Like all moments, it had it’s end, passing through the ranger station at the north end of the monument and I soon found myself heading northwest-ish on I-40 for 40 minutes, exiting in the small town of Thoreau, NM, heading north on NM-371 through Navajo Nation trust land, Chaco Culture National Park, and Navajo Nation itself. Pronghorn grazed far back from the highway, a lonely road only traveled by dusty pickup trucks and big rigs hauling who knows what supplies to the small settlements along the way.
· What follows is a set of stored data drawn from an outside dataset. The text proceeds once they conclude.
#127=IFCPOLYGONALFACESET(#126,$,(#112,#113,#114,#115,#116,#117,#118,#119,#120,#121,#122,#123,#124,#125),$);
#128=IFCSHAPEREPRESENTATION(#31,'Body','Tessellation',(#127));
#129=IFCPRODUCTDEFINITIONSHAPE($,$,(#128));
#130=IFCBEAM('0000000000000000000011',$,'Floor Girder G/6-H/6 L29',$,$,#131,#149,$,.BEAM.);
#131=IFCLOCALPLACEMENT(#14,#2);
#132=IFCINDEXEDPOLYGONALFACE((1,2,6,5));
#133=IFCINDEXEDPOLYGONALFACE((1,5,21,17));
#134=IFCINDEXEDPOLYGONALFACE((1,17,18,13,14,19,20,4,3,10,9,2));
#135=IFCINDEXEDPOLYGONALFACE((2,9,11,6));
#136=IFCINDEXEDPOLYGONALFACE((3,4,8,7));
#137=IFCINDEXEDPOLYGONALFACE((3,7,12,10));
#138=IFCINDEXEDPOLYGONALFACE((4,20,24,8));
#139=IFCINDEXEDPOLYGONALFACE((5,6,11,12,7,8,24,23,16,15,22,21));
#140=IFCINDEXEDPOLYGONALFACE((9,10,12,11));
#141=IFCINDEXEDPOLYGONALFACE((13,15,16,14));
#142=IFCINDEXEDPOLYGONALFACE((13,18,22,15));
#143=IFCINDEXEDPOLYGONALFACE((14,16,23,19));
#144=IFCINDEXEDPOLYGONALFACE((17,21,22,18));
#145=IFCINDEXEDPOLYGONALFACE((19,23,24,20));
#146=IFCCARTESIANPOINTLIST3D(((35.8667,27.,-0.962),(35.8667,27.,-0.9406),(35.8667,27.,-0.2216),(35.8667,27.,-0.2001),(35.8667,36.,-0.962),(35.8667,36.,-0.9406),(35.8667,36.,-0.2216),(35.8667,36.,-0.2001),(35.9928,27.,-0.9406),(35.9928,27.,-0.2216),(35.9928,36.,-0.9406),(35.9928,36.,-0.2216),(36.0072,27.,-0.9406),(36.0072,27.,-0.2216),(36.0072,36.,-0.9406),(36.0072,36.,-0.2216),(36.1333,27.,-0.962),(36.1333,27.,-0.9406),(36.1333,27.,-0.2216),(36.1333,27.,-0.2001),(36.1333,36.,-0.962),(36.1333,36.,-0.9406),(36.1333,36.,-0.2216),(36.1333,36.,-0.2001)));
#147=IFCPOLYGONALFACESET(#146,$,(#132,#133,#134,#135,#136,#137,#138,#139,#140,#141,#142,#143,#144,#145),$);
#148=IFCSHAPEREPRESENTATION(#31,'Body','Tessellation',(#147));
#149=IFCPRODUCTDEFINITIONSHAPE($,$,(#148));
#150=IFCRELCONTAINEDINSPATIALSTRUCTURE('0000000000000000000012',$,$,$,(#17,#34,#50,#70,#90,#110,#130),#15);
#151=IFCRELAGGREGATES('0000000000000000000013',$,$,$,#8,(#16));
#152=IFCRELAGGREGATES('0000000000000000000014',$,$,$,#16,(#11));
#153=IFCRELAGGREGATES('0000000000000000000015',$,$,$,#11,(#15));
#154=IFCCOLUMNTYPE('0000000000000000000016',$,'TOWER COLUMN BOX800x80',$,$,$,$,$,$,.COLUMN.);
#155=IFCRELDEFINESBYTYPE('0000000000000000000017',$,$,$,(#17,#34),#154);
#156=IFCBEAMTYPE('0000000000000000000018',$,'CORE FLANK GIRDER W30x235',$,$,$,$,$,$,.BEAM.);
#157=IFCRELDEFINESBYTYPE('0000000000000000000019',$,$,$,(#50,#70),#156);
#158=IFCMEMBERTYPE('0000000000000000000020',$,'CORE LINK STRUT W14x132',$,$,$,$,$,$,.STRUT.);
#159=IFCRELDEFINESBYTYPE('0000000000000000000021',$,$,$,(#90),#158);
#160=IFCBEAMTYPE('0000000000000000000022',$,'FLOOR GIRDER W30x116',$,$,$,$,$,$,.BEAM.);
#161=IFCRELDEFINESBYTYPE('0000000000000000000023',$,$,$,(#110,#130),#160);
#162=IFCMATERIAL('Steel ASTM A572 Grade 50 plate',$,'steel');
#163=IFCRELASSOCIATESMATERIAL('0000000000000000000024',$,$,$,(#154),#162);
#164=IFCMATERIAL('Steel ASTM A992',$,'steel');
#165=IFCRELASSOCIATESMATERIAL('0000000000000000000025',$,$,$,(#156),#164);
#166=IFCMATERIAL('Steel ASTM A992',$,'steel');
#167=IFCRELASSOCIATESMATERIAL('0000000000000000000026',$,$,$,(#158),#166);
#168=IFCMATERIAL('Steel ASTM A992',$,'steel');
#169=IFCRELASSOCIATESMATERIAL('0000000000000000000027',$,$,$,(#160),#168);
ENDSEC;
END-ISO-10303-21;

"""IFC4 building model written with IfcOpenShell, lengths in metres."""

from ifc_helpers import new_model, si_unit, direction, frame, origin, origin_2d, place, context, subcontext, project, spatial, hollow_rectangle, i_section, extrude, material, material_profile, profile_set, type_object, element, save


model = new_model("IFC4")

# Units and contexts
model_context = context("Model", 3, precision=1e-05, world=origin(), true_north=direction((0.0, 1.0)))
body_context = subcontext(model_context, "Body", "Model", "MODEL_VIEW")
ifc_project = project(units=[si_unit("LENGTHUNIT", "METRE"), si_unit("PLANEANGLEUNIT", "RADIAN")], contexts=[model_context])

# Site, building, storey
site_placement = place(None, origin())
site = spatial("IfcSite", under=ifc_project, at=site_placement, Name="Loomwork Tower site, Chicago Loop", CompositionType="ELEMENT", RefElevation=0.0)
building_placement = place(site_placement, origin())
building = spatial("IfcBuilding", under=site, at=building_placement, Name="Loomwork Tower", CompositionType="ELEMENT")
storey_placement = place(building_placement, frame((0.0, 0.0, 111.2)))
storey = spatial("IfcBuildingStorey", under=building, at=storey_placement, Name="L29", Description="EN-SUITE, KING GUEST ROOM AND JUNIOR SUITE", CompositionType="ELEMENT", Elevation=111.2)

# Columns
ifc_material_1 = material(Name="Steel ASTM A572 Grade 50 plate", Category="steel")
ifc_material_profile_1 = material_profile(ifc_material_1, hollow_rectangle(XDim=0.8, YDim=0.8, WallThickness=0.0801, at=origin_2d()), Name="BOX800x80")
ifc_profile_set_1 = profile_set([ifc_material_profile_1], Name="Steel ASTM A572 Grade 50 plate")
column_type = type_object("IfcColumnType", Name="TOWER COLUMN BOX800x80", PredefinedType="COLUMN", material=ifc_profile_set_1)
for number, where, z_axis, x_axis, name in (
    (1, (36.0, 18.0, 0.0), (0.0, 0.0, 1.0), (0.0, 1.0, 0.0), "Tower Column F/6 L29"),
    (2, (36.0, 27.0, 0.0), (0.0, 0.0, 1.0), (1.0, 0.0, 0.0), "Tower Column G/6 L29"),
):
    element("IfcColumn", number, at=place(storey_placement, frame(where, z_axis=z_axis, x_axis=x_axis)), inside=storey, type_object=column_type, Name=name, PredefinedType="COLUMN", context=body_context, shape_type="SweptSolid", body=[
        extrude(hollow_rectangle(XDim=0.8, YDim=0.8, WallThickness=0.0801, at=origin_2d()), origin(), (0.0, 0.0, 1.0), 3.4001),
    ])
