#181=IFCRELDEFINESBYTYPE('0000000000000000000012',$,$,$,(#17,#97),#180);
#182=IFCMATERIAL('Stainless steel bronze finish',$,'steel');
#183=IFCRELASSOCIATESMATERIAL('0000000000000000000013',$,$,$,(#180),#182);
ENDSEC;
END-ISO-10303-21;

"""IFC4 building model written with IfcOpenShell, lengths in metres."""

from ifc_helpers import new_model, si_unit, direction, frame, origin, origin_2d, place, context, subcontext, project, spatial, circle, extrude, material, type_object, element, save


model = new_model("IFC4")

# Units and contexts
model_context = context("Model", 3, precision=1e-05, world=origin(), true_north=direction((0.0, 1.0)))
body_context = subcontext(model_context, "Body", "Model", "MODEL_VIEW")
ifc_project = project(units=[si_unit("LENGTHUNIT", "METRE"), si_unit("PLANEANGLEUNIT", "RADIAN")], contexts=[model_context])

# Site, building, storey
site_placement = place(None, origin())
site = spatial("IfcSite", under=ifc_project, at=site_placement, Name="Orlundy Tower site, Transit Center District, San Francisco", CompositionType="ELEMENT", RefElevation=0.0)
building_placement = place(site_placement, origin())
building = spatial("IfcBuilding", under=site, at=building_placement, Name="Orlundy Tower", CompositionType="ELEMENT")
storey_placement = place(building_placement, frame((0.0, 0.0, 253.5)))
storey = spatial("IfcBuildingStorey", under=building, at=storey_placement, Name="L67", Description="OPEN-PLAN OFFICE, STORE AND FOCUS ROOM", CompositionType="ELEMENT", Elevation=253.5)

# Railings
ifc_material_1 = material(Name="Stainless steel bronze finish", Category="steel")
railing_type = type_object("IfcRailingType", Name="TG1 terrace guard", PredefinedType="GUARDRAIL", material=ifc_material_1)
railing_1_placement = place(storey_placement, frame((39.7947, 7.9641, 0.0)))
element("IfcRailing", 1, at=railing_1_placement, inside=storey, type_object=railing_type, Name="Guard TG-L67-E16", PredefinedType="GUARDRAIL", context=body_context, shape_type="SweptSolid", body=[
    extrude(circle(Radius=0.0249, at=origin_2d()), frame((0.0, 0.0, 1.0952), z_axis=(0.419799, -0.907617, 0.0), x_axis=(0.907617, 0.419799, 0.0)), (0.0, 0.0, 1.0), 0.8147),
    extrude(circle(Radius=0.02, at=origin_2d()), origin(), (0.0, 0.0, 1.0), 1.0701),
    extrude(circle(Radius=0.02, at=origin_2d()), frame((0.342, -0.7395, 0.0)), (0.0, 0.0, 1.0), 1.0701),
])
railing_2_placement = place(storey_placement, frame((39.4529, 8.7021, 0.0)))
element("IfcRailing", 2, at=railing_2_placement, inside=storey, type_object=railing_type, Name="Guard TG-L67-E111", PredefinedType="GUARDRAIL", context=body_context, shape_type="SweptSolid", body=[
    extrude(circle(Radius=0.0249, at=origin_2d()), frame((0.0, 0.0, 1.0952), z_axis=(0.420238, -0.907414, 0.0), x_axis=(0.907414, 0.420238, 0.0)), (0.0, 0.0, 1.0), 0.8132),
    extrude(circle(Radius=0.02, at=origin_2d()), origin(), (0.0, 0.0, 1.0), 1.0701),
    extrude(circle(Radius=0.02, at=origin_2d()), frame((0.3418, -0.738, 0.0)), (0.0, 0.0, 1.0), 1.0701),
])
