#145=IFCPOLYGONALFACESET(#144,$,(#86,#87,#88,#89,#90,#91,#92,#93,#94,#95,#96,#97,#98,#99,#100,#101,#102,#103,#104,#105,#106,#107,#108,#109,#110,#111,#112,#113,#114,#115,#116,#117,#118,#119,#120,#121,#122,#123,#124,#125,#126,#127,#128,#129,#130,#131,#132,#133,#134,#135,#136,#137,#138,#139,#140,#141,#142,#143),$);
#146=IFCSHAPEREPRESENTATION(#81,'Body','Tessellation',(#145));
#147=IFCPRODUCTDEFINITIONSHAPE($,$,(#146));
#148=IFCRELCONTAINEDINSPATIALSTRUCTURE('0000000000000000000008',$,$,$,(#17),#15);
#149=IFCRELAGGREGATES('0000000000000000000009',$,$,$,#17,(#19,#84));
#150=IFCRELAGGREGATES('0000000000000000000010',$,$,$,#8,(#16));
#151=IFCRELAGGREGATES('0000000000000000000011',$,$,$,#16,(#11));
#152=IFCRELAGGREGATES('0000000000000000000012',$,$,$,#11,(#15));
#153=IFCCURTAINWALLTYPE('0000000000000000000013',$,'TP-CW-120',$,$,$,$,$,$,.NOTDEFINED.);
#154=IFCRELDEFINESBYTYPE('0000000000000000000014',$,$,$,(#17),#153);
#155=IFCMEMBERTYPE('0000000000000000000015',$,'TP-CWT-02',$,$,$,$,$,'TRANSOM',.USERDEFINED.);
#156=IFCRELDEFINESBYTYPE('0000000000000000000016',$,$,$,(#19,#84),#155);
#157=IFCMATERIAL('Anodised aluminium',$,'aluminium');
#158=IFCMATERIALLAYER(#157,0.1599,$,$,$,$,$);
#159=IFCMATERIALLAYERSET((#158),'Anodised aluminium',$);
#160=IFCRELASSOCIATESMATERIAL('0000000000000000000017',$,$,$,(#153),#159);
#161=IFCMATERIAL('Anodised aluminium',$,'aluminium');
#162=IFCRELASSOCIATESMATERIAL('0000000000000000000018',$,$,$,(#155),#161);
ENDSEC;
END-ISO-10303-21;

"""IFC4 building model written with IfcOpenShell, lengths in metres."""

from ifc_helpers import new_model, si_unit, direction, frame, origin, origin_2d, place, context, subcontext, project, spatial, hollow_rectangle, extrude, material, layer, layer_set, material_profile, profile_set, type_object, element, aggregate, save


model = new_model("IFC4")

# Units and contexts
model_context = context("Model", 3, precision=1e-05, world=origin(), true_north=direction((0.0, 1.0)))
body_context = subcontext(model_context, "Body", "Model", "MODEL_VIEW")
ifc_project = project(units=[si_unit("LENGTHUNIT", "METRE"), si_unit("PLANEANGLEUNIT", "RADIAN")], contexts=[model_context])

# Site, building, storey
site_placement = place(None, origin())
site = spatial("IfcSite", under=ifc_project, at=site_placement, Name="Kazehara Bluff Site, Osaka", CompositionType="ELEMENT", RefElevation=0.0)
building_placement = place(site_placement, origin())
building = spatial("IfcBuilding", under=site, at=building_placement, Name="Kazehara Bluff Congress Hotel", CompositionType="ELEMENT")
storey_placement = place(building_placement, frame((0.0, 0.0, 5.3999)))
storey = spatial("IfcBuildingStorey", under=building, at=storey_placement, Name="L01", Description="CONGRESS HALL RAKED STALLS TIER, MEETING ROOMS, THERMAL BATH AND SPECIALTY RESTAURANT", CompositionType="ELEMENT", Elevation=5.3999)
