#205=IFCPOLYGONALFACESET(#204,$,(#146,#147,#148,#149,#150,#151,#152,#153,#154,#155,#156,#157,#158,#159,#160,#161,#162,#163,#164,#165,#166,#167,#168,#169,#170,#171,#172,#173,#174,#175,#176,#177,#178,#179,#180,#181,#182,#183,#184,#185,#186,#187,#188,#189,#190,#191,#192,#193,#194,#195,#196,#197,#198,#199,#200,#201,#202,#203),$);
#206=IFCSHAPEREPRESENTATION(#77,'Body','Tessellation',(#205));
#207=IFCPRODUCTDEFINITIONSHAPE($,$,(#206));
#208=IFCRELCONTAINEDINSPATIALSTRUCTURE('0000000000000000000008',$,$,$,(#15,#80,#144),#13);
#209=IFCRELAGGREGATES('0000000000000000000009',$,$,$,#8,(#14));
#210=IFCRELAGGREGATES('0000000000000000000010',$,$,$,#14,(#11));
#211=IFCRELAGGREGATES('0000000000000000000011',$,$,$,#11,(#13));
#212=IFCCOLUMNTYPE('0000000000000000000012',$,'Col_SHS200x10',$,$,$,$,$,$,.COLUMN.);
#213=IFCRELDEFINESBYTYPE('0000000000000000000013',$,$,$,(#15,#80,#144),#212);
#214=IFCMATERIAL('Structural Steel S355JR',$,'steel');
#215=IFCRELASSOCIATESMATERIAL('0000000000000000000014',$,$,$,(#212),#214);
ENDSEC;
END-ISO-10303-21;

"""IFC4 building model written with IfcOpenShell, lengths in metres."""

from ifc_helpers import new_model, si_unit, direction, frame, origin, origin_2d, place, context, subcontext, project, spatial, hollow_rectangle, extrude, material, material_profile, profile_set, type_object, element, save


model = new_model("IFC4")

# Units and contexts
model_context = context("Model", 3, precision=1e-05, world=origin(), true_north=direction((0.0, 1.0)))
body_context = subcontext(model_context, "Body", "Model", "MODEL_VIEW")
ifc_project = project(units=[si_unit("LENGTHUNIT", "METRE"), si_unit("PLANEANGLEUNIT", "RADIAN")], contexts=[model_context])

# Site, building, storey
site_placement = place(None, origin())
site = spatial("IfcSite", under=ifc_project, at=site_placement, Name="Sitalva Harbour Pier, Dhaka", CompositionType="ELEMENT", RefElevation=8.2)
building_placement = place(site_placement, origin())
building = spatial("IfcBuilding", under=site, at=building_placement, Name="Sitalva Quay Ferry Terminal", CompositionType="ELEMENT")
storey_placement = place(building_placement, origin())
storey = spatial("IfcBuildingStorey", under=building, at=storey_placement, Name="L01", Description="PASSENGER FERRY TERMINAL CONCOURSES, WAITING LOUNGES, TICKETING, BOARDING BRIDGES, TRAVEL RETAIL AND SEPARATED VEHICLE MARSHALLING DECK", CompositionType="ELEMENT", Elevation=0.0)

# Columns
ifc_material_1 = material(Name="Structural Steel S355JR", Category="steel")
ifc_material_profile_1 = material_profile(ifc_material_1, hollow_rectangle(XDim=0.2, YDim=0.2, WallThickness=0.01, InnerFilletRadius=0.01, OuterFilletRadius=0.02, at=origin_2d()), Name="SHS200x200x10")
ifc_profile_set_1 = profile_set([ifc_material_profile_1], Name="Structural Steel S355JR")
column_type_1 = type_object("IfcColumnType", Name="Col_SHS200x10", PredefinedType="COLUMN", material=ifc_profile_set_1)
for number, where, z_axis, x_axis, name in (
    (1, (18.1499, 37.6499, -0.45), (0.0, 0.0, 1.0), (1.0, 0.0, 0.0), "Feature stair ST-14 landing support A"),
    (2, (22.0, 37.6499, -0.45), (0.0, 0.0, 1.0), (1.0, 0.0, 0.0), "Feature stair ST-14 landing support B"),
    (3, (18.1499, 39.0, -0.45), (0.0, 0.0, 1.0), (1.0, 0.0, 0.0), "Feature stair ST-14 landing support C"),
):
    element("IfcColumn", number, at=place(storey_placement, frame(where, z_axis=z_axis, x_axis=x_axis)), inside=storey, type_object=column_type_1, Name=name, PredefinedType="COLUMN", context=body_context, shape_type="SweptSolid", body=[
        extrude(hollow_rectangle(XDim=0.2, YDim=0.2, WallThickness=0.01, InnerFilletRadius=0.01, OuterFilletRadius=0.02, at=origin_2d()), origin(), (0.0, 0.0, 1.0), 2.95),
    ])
The sun was low in the west by the time the road dropped into Farmington, and I soon found myself unloading the bike at a hotel I’ve stayed at a few times, a small bit of familiar, ready to be off the road and close my weary eyes.

Lights out by 10pm (midnight, rally time), my spirits remained high, peaceful even, as I lay in that bed and thought of all the things I’d seen and the places I’d been so far, the emotions that had been going back and forth like sloshing water in the bilge of my brain. I’ve done big rides, ridden long rallies, but this.. this was a low and a high together that I’d never grappled with before; how I could be so close to calling it quits and then have it all fly away with the smallest of things - a phone call from a friend, nature revealing it’s scale and majesty, the immensity of El Malpais shrinking my rage and anger into petty whining, letting me ride clean for the first time in days. What a gift this day was.. but it was nothing to the gift the rally would give me tomorrow.